Fig. 4c illustrates yet another alternative for filling the blow tower following a batch digester. In this embodiment a feed pipe 512 is substantially similar to the pipe in Fig. 1. In other words, the feed pipe 512 is formed by portions 513 - 518 having different diameters. The only difference is that the pipe 512 narrows upward. In other words, each opening 520 at the point of the change in diameter cuts part of the pulp being fed into the tower and a baffle 522 disposed above the opening 520 directs the coming pulp flow to the side to be mixed into the pulp already present in the tower.

Should the blow tower of a batch digester be of a type which is filled from above, all the arrangements

according to the embodiments illustrated in Figs. 4a, 4b and 4c may be applied in the manner presented already in previous embodiments. For said reason, among other things, Figs. 4a, 4b and 4c are provided with both reference numerals, in other words the reference numeral ending in -12 denoting a case where the pipe is a so called feed pipe, and the numeral ending in -14 denoting a case where the pipe is a so called larger pipe. In Fig. 4c, for example, the illustrated embodiment may be modified for feed taking place from above in such a way that the lower end of the pipe portion 514 is closed by a plate, which can rest for example upon a bottom pillar in the manner illustrated in Fig. 3. Hereby, the pulp is introduced from above, for example through a pipe portion 518, which would in this case extend close to the bottom plate, and is discharged against the bottom plate turning the pulp flow upward, after which the operation continues as described above.

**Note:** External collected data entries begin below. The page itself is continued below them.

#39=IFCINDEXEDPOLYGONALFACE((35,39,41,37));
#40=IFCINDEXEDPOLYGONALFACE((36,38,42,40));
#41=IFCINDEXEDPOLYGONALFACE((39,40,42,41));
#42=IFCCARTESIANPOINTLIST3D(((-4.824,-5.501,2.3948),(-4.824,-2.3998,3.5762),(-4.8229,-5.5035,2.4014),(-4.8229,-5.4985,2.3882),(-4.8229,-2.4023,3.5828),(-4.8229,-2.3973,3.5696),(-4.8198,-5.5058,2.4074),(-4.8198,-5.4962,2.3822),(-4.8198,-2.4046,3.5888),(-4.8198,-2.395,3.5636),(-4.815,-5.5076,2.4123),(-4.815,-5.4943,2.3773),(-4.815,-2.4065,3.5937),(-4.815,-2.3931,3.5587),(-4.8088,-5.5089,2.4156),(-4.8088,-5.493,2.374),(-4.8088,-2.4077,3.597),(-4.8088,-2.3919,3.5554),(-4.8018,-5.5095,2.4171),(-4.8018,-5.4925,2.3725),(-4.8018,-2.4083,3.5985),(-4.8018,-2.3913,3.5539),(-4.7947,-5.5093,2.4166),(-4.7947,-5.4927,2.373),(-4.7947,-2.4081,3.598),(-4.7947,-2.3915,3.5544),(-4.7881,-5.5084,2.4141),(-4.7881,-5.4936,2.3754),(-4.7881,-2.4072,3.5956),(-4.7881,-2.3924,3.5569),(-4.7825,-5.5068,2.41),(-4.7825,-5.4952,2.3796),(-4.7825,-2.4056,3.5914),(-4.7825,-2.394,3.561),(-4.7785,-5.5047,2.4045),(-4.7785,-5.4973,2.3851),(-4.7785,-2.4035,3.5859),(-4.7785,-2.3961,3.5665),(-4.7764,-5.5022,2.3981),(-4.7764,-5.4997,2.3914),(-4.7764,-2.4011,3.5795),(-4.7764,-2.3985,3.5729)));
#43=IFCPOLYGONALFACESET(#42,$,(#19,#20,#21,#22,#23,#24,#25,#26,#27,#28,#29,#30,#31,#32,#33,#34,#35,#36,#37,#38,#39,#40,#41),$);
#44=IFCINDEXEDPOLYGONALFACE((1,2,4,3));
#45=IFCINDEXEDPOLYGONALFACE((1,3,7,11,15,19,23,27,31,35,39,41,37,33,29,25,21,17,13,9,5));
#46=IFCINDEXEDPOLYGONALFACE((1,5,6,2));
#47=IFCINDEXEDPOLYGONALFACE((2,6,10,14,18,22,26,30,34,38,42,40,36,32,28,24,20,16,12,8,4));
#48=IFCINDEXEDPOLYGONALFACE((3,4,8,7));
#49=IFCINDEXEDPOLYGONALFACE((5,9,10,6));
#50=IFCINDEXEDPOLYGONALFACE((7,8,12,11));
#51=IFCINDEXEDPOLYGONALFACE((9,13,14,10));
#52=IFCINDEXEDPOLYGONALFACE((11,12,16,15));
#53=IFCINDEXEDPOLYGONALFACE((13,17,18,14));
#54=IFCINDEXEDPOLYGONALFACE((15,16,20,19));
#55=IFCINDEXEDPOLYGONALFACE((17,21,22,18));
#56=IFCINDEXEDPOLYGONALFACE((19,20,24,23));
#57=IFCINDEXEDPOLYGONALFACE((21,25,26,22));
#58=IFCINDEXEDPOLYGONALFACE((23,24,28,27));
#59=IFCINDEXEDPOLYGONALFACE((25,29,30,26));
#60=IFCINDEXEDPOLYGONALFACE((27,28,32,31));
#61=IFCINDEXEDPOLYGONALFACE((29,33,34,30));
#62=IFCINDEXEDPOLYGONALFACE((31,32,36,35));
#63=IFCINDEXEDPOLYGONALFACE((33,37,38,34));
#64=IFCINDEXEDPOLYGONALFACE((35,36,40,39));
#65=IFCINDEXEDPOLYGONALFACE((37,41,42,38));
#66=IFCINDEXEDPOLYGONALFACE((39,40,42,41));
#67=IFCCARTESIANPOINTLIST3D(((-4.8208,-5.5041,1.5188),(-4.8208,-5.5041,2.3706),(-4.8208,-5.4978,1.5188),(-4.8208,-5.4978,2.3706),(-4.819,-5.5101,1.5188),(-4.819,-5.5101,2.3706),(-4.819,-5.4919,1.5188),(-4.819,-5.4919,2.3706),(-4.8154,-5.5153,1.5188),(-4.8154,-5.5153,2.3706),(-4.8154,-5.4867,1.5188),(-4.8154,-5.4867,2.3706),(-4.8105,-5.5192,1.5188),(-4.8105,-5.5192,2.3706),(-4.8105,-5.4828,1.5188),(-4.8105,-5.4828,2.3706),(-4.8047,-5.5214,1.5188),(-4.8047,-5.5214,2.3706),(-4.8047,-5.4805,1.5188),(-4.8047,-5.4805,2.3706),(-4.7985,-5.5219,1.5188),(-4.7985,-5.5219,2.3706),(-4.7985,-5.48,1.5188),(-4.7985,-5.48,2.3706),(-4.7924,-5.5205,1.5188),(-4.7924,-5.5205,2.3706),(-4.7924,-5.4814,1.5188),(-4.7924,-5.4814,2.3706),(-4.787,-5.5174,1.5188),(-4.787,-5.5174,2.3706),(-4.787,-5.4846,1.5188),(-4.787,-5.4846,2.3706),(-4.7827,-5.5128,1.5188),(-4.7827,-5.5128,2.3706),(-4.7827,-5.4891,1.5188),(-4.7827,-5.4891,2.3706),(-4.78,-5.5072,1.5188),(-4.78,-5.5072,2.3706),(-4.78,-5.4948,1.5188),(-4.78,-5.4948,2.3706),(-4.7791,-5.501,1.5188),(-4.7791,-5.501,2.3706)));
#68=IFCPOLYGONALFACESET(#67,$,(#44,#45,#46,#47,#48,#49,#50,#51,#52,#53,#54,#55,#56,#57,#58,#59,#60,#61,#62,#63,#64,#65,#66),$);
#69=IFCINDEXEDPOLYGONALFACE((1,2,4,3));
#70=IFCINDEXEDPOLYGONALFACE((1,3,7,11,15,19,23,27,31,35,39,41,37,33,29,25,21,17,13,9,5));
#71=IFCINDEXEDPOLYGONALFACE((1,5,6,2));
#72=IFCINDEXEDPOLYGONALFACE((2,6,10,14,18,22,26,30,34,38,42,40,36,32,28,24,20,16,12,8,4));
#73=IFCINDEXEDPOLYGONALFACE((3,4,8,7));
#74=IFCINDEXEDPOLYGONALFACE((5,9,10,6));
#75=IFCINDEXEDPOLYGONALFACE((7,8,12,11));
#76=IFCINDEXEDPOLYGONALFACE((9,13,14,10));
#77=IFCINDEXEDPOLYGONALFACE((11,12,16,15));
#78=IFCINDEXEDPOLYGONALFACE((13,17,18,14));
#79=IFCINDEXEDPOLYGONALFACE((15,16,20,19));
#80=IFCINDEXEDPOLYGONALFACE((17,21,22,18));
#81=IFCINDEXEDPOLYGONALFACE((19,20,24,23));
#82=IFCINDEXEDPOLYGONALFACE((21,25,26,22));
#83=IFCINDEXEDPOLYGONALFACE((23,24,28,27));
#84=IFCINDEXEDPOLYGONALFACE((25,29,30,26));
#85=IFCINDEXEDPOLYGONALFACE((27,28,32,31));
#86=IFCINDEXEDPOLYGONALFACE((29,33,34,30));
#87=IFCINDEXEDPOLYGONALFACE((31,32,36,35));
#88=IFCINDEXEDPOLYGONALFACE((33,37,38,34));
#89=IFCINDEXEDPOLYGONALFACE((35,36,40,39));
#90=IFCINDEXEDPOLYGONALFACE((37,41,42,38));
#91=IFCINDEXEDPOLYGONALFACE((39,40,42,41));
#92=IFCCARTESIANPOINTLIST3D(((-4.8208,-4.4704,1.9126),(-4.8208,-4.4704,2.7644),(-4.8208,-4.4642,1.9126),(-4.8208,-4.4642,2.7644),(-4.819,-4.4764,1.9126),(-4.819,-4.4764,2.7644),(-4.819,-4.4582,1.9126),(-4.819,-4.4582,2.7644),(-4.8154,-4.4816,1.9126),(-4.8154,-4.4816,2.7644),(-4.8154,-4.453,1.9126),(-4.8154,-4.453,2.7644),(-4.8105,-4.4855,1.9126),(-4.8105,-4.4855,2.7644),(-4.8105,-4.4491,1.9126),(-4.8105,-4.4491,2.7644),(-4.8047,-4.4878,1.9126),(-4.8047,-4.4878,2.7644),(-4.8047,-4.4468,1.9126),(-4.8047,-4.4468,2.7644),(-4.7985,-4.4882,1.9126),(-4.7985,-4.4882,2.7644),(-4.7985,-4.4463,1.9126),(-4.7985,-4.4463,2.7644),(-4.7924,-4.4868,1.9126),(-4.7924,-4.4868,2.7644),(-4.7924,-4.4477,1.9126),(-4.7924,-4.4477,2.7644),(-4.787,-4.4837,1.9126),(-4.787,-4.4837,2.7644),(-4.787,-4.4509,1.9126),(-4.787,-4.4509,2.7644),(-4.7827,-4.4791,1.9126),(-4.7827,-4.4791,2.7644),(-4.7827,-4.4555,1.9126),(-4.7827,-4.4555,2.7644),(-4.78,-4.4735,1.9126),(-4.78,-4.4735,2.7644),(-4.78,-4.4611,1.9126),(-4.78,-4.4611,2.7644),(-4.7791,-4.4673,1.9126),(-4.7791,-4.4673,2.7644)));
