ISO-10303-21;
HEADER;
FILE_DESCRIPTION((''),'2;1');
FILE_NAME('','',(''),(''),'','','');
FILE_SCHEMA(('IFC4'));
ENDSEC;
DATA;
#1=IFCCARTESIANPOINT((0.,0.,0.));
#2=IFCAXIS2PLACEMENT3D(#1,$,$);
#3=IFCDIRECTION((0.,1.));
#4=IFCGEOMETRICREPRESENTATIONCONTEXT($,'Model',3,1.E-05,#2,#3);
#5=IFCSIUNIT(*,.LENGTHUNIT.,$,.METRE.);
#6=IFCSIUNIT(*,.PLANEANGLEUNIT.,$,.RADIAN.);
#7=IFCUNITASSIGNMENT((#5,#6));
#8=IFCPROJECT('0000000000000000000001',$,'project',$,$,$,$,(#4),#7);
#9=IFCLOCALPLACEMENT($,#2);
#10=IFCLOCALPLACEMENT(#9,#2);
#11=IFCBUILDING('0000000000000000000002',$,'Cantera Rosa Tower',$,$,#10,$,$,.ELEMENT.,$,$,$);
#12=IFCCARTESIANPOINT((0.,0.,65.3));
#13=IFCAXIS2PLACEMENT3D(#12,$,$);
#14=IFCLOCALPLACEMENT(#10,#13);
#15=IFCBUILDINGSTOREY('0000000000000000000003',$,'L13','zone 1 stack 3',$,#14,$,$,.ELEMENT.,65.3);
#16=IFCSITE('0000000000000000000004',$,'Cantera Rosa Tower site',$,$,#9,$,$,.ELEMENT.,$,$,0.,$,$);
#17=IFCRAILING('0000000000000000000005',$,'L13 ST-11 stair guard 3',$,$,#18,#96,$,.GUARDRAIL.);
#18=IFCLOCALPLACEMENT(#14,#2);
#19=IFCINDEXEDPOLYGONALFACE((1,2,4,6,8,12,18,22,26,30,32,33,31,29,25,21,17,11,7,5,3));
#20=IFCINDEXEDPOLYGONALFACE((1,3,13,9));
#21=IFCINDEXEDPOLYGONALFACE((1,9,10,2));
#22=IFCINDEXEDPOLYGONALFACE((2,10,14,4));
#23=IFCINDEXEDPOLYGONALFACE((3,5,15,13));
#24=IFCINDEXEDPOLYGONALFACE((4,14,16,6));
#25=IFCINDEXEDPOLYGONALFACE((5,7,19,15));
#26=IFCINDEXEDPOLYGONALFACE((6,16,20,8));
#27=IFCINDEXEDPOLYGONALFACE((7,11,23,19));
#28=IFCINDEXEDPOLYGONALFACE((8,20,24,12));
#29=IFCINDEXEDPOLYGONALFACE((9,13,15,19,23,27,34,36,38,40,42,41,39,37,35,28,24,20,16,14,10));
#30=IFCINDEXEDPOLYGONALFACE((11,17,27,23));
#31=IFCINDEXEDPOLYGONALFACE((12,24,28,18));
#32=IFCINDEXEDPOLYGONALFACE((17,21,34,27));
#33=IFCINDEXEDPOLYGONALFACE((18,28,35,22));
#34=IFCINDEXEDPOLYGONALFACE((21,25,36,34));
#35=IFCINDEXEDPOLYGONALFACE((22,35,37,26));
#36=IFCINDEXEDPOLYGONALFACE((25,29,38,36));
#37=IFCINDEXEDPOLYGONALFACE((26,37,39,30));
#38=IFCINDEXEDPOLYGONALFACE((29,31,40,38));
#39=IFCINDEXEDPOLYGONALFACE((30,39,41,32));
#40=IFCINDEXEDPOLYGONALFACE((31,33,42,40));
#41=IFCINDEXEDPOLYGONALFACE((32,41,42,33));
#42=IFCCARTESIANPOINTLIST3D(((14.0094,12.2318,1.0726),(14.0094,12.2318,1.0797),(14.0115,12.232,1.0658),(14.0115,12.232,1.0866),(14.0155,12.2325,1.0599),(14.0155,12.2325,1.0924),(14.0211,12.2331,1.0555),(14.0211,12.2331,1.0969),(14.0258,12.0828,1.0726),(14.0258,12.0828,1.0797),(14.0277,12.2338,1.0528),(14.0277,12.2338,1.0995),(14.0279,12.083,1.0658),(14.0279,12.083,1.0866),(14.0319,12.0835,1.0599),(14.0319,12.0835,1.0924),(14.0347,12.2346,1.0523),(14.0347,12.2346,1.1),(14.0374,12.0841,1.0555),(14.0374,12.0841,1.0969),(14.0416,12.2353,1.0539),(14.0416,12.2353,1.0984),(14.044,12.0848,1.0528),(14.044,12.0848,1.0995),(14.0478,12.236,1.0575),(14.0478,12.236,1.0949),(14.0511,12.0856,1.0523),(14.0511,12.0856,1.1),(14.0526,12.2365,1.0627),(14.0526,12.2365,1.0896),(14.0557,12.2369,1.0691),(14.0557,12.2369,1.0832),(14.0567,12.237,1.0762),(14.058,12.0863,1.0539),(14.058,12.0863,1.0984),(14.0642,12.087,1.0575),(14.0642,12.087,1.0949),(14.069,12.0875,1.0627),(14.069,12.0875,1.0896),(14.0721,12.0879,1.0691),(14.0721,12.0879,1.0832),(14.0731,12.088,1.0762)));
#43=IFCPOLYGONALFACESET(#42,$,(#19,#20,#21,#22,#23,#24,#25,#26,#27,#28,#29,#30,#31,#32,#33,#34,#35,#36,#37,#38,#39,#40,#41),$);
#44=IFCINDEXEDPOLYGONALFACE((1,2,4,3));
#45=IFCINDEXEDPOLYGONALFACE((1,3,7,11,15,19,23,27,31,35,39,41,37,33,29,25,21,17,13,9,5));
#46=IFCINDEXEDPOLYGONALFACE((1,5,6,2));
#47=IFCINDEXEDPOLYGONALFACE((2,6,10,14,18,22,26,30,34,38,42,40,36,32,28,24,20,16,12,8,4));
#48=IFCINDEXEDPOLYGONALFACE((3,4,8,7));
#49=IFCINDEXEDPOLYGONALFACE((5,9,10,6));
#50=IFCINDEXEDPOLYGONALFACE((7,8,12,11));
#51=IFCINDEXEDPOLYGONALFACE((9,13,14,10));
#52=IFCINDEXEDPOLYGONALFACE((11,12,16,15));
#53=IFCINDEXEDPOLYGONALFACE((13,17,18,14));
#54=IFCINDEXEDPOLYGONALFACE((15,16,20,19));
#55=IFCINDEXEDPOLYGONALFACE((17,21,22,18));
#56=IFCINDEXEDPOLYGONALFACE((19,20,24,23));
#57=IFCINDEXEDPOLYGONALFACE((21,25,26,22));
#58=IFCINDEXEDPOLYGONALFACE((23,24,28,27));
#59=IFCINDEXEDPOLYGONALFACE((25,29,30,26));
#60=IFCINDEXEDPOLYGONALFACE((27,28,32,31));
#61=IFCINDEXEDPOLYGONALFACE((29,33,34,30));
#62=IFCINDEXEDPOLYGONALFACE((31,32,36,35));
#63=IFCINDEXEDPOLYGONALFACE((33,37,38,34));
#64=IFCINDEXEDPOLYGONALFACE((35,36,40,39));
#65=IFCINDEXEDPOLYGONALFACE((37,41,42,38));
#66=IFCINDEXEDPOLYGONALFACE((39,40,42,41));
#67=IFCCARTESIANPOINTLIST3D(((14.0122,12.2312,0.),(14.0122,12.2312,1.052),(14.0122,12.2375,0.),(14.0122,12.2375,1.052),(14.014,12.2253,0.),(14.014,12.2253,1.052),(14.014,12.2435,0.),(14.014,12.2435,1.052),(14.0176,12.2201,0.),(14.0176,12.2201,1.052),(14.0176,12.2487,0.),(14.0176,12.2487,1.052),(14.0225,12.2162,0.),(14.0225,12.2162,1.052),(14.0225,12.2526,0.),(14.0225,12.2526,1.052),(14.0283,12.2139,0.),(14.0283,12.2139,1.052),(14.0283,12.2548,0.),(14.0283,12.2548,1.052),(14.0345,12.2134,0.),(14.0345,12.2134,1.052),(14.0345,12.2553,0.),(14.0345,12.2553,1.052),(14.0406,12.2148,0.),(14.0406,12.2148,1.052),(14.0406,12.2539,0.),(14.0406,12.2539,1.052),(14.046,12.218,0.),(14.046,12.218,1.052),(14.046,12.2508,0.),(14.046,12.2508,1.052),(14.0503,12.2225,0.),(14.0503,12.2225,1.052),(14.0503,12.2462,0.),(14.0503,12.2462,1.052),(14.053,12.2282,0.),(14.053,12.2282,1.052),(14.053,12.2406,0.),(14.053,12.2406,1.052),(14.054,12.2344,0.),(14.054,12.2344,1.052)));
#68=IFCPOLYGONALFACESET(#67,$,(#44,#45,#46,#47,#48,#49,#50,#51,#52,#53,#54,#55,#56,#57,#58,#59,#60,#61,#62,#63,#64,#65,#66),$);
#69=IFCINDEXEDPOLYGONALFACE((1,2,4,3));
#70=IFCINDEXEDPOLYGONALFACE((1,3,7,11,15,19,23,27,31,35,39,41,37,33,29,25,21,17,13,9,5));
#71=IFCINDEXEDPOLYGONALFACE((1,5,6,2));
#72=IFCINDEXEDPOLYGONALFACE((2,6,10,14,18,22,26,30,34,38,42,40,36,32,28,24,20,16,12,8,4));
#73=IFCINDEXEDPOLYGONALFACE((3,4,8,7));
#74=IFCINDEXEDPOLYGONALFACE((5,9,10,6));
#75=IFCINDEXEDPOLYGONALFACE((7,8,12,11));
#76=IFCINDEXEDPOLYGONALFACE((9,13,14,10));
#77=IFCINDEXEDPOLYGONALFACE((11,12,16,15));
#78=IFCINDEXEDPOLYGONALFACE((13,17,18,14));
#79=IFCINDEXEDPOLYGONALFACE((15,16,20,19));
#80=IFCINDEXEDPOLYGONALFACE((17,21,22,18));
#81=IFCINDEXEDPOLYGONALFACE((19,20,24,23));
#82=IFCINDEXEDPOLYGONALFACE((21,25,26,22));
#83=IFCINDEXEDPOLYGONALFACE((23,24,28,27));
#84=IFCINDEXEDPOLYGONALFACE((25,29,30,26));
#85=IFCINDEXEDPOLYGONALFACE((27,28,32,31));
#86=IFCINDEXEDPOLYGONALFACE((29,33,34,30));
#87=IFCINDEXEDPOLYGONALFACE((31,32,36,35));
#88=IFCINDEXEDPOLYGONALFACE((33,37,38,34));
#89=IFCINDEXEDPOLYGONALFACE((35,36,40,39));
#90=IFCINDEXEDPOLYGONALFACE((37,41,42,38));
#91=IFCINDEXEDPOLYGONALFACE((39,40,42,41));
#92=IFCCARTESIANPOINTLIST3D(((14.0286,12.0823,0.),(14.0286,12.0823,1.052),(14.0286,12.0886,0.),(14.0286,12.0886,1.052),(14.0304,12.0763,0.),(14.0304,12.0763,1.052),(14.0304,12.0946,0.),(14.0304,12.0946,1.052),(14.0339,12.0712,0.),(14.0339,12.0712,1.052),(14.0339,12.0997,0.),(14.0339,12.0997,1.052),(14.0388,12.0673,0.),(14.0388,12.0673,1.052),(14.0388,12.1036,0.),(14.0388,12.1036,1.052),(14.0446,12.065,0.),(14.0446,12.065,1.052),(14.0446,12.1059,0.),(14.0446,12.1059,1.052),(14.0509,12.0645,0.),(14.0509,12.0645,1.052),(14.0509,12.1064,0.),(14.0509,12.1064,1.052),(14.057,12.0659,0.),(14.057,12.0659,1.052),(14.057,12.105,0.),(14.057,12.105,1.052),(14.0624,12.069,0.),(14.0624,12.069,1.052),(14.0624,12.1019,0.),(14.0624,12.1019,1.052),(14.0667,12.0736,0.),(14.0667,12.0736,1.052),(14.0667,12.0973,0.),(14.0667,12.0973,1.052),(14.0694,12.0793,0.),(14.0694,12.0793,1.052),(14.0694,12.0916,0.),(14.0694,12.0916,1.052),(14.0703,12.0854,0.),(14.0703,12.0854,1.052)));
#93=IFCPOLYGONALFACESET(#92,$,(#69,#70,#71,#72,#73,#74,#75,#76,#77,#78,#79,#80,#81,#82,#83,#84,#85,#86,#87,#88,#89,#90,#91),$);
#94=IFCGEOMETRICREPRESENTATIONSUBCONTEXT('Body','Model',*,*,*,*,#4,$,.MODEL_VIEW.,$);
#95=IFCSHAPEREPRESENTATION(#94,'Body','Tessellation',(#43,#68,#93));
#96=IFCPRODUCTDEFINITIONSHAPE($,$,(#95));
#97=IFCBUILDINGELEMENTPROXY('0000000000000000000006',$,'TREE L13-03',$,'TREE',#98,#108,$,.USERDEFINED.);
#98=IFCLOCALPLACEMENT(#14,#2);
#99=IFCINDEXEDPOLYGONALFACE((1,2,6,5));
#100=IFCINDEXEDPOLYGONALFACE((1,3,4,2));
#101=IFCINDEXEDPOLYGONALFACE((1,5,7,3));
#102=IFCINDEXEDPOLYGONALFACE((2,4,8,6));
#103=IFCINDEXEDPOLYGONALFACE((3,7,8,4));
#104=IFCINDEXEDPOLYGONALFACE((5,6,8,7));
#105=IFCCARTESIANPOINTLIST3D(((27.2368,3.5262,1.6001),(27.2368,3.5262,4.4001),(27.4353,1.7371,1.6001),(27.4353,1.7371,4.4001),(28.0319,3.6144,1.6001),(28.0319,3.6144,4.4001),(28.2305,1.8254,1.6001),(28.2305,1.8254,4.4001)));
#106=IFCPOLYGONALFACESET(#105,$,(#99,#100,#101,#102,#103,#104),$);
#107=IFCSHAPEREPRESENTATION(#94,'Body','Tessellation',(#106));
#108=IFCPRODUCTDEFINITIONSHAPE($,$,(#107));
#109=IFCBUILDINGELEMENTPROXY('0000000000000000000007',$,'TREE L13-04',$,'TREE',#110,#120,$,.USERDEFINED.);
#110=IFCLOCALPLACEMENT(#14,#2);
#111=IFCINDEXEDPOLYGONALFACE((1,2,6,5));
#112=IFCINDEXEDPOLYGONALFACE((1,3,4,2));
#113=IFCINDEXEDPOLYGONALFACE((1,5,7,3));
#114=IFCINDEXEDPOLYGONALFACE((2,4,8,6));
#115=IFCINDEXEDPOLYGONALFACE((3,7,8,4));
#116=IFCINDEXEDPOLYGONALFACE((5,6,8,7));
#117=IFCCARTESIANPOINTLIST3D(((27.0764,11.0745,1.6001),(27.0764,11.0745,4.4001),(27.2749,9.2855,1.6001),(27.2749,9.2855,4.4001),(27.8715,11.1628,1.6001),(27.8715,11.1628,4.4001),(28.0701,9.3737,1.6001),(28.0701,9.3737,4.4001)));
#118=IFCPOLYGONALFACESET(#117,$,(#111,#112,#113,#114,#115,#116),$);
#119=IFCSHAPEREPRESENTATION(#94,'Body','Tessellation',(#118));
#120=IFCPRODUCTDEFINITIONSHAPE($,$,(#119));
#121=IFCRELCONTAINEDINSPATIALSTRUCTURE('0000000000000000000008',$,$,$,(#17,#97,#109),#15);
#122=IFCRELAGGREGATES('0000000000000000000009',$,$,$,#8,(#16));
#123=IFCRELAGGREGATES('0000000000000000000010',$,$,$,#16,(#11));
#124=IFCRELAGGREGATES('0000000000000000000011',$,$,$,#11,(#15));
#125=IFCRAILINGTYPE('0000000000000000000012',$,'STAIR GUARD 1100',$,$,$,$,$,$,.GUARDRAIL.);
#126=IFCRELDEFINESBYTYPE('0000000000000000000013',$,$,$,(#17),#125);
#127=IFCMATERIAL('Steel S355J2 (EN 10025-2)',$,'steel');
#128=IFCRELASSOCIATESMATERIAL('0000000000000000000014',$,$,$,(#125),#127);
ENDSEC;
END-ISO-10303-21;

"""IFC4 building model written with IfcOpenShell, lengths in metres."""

from ifc_helpers import new_model, si_unit, direction, frame, origin, origin_2d, place, context, subcontext, project, spatial, rectangle, circle, extrude, material, type_object, element, save


model = new_model("IFC4")

# Units and contexts
model_context = context("Model", 3, precision=1e-05, world=origin(), true_north=direction((0.0, 1.0)))
body_context = subcontext(model_context, "Body", "Model", "MODEL_VIEW")
ifc_project = project(units=[si_unit("LENGTHUNIT", "METRE"), si_unit("PLANEANGLEUNIT", "RADIAN")], contexts=[model_context])

# Site, building, storey
site_placement = place(None, origin())
site = spatial("IfcSite", under=ifc_project, at=site_placement, Name="Cantera Rosa Tower site", CompositionType="ELEMENT", RefElevation=0.0)
building_placement = place(site_placement, origin())
building = spatial("IfcBuilding", under=site, at=building_placement, Name="Cantera Rosa Tower", CompositionType="ELEMENT")
storey_placement = place(building_placement, frame((0.0, 0.0, 65.3)))
storey = spatial("IfcBuildingStorey", under=building, at=storey_placement, Name="L13", Description="zone 1 stack 3", CompositionType="ELEMENT", Elevation=65.3)

# Railing
ifc_material_1 = material(Name="Steel S355J2 (EN 10025-2)", Category="steel")
railing_type_1 = type_object("IfcRailingType", Name="STAIR GUARD 1100", PredefinedType="GUARDRAIL", material=ifc_material_1)
railing_1_placement = place(storey_placement, frame((14.033, 12.2344, 0.0)))
element("IfcRailing", 1, at=railing_1_placement, inside=storey, type_object=railing_type_1, Name="L13 ST-11 stair guard 3", PredefinedType="GUARDRAIL", context=body_context, shape_type="SweptSolid", body=[
    extrude(circle(Radius=0.0239, at=origin_2d()), frame((0.0, 0.0, 1.0762), z_axis=(0.109179, -0.994022, 0.0), x_axis=(0.994022, 0.109179, 0.0)), (0.0, 0.0, 1.0), 0.1499),
    extrude(circle(Radius=0.021, at=origin_2d()), origin(), (0.0, 0.0, 1.0), 1.052),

As becomes obvious from the above description, a new method and apparatus for filling pulp towers has been provided, by which method the drawbacks of the prior art apparatus and methods can be avoided. However, only a few preferred embodiments of the invention have been presented above, and the intention is not to reduce the scope of the invention but to interpret it according to what is presented in the appended claims. Thus, it is for example possible to arrange more than one feed pipe in the tower, if desired, for example in the manner described in FI patent 94442 and using a distributing device described above, whereby it can be ensured that the pulp is distributed uniformly all through the cross- section of the tower. Furthermore, it has to be noted that the shape of the tower does not, by all means, have to be as described in the appended figures, i.e. a tower having a cylindric bottom portion narrowed by a conic intermediate part, but it may as well be totally

cylindric and provided with either an even or inclined bottom, or a conic or semispherical bottom portion. In other words, the filling method according to the invention is applicable to filling towers of any shape.